娘であるカリンからは、「軽薄で不実な色事師」とか「やりたい放題」などと酷評されているが、実際のところ強くて優しくて包容力のあるシェーンコップのような男に、女性が魅了されるのも無理はない。おそらく、若さより、成熟した男性を求めるタイプの女性には、型破りでワルっぽいところがある一面、知的で紳士という彼のような中年は、滅多にいない逸材に見えるに違いない(もっとも本人は「中年ではない」と言っているが)。

彼が女性にもてるのも当然の理か。

もっとも、彼のそういった人格を作り上げてきた要因として、月並みもしれないが、幼いころの苦労も挙げられるかもしれない。

シェーンコップは幼き日の思い出として、唯一、次のようなことを語っている。

「自由の国か。私も6歳のときに祖父母につれられて、この自由の国に亡命してきたんですよ。もう28年も前だが、よく憶えています。その時の風の冷たさ、亡命者を見る入国管理者の卑しむような目。たぶん、死ぬまで忘れんでしょうな」(OVA38話)
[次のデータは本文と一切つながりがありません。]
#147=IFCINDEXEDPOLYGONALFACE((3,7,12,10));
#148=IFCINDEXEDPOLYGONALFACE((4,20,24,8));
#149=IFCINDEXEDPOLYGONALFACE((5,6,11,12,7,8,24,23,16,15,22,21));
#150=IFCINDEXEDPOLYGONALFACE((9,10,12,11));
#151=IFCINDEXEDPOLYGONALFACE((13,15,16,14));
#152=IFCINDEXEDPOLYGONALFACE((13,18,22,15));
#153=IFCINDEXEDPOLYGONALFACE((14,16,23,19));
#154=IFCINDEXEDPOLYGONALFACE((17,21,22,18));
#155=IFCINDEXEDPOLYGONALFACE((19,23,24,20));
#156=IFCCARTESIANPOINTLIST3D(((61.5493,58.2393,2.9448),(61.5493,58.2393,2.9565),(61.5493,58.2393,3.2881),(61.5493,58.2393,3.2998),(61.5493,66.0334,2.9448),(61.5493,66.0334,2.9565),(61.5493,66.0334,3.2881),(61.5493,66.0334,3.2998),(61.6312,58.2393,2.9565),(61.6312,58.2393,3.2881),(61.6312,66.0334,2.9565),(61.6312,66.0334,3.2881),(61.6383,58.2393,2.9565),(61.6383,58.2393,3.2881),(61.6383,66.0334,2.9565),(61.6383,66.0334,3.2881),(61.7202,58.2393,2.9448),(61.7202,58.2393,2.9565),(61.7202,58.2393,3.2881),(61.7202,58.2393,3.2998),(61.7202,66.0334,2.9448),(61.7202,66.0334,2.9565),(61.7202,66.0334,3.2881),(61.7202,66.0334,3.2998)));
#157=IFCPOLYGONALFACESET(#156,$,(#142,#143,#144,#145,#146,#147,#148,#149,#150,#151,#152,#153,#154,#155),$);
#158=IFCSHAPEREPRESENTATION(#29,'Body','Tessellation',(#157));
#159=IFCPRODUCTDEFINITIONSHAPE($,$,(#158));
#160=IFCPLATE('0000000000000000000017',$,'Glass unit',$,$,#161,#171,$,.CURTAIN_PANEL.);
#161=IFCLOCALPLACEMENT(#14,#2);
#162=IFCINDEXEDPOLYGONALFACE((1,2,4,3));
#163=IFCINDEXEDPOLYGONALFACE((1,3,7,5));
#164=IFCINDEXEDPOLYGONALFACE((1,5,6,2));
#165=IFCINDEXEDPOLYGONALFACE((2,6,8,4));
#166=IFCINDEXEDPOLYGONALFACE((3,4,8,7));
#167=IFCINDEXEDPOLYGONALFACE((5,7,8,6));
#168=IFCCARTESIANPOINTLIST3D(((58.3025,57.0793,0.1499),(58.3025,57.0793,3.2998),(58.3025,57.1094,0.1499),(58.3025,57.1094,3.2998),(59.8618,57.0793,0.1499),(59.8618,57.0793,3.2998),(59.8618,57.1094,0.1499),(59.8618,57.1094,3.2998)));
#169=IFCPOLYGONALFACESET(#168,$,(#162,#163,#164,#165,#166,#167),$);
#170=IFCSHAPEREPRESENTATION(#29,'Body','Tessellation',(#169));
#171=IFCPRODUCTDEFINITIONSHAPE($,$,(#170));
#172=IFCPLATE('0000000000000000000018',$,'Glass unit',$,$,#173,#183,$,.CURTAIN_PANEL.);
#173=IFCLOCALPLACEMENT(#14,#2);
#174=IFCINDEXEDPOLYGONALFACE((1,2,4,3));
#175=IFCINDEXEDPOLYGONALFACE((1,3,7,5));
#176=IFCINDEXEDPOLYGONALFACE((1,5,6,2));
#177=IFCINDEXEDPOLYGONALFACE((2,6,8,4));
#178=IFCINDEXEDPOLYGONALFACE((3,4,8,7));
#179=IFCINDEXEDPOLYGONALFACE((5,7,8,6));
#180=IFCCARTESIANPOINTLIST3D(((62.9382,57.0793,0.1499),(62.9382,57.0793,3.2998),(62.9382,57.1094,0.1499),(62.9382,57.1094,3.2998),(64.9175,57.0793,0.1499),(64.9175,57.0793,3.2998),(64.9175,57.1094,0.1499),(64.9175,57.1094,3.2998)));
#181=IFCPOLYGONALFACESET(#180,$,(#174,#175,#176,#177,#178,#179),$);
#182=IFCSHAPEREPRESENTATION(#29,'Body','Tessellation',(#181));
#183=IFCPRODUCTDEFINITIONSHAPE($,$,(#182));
こういった原体験が、彼の人生哲学やその後の生き方に何らかの影響を及ぼしていることは間違いないだろう。また彼の人格にいっそうの深みを付け加えているともいえる。

根本的には、シェーンコップも組織人ではなく、孤高の風情がある人物である。

彼は一応、「ローゼンリッター連隊」という軍団の長ではあるが、本性はあくまで徒党を組まない一豪傑だろう。シェーンコップに憧れる無数の女性たちは、彼の背中に、そんな人間としてのたくましさを知らず知らずの内に見出しているのではないだろうか。